US 12,073,321 B2
Method and apparatus for training image caption model, and storage medium
Yang Feng, Shenzhen (CN); Lin Ma, Shenzhen (CN); Wei Liu, Shenzhen (CN); and Jiebo Luo, Shenzhen (CN)
Assigned to TENCENT TECHNOLOGY (SHENZHEN) COMPANY LIMITED, Shenzhen (CN)
Filed by Tencent Technology (Shenzhen) Company Limited, Shenzhen (CN)
Filed on Oct. 20, 2020, as Appl. No. 17/075,618.
Application 17/075,618 is a continuation of application No. PCT/CN2019/094891, filed on Jul. 5, 2019.
Claims priority of application No. 201811167476.9 (CN), filed on Oct. 8, 2018.
Prior Publication US 2021/0034981 A1, Feb. 4, 2021
Int. Cl. G06N 3/08 (2023.01); G06N 3/045 (2023.01); G06N 3/047 (2023.01)

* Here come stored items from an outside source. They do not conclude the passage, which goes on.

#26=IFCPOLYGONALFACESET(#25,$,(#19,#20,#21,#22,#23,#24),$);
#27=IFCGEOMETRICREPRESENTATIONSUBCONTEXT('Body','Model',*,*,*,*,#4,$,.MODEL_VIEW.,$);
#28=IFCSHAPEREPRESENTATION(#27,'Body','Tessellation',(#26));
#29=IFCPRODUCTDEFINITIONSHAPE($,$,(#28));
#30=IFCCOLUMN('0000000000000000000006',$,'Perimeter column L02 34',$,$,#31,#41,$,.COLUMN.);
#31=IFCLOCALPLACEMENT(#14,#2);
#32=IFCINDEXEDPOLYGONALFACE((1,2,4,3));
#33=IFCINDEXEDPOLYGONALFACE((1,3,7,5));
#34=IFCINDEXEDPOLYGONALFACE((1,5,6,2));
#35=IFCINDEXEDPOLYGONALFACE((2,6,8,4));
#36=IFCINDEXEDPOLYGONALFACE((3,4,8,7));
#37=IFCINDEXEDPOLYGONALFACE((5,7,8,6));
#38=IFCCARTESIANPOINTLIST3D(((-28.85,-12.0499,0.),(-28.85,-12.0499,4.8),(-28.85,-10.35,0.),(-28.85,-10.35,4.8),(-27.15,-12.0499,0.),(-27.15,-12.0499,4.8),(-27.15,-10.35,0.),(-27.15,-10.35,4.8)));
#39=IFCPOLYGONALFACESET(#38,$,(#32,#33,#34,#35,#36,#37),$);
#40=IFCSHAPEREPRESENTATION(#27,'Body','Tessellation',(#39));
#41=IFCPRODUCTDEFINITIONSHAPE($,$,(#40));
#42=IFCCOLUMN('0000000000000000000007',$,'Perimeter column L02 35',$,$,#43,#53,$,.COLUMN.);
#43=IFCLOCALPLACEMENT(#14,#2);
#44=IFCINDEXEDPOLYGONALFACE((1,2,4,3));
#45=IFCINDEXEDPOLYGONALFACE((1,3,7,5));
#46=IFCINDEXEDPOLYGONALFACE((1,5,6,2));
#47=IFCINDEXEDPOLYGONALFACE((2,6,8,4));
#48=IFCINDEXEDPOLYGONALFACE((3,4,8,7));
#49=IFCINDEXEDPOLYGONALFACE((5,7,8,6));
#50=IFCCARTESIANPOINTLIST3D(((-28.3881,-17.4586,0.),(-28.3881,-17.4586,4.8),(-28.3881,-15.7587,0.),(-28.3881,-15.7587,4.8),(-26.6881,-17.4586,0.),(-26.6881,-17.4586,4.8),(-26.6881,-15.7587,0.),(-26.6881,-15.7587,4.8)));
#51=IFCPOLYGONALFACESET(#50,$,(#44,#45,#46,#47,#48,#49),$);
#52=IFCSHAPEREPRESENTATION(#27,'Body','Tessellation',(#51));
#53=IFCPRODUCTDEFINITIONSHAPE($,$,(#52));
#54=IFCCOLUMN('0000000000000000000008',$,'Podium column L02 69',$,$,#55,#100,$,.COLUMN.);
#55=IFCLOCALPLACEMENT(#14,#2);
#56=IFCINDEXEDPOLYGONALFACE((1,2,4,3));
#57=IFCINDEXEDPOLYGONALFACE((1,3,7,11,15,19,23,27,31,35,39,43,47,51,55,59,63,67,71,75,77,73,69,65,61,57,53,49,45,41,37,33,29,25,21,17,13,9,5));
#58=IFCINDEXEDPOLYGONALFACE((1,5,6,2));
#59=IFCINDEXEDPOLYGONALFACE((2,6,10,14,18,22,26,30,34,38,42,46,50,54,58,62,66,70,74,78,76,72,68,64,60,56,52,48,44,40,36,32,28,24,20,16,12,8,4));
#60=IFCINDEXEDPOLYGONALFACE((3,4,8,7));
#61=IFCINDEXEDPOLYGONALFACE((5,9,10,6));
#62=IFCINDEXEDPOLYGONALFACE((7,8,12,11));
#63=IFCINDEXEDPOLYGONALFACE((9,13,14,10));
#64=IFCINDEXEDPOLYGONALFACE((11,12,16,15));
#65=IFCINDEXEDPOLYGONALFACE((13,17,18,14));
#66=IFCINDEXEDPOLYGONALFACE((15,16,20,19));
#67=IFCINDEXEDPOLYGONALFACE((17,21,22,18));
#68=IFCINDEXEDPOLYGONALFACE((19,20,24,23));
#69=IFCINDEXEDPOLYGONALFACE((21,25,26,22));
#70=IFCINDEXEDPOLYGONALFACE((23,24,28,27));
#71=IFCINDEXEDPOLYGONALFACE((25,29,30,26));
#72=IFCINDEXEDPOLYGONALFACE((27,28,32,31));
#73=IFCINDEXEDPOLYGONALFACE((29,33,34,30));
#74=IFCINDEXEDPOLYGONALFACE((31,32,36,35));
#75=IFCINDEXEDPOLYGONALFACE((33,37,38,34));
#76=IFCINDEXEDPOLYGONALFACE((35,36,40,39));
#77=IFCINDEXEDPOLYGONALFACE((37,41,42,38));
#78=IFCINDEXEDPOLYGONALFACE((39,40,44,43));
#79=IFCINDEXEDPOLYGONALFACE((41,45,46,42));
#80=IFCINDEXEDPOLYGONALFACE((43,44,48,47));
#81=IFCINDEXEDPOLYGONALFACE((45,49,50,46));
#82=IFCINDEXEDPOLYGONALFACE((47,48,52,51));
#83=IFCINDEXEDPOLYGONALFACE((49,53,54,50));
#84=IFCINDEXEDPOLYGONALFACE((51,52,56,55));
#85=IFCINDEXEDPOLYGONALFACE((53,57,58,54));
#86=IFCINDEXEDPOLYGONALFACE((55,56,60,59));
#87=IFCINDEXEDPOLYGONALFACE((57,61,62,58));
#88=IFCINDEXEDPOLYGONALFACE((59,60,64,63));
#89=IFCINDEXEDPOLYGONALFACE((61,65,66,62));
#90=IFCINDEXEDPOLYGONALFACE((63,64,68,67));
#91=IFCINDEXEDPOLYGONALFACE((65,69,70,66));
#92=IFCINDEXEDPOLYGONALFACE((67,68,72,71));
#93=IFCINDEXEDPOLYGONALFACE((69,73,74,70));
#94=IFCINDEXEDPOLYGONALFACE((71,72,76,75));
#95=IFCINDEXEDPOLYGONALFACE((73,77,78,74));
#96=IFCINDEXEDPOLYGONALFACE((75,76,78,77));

CPC G06N 3/08 (2013.01) [G06N 3/045 (2023.01); G06N 3/047 (2023.01)] 18 Claims
OG exemplary drawing
 
1. A method for training an image caption model, performed by an electronic device, the image caption model comprising an encoding convolutional neural network (CNN) and a decoding recurrent neural network (RNN) and a discriminative RNN, and the method comprising:
obtaining an image eigenvector of an image sample by using the encoding CNN;
decoding the image eigenvector by using the decoding RNN, to obtain a sentence used for describing the image sample;
determining a matching degree between the sentence obtained through decoding and the image sample, further including:
identifying objects in the image sample from an object detection model;
comparing the identified objects with object-representing words in the sentence obtained through decoding; and
determining the matching degree based on the comparison result and weights corresponding to the objects;
determining a smoothness degree of the sentence obtained through decoding further including:
inputting the sentence obtained through decoding into the discriminative RNN, and obtaining a first output of the discriminative RNN at each time point corresponding to the sentence obtained through decoding; and
determining the smoothness degree of the sentence obtained through decoding according to the first output of the discriminative RNN at each time point;
adjusting weighting parameters of the decoding RNN to improve the matching degree and the smoothness degree; and
adjusting the discriminative RNN according to the first output of the discriminative RNN at each time point, further including:
inputting a smooth sentence sample into the discriminative RNN, and obtaining a second output of the discriminative RNN at each time point corresponding to the smooth sentence sample, wherein the smooth sentence sample is irrelevant to the sentence obtained through decoding;
determining a discrimination loss of the discriminative RNN according to the first output and the second output of the discriminative RNN at each time point;
adjusting weighting parameters of the discriminative RNN to reduce the discrimination loss of the discriminative RNN.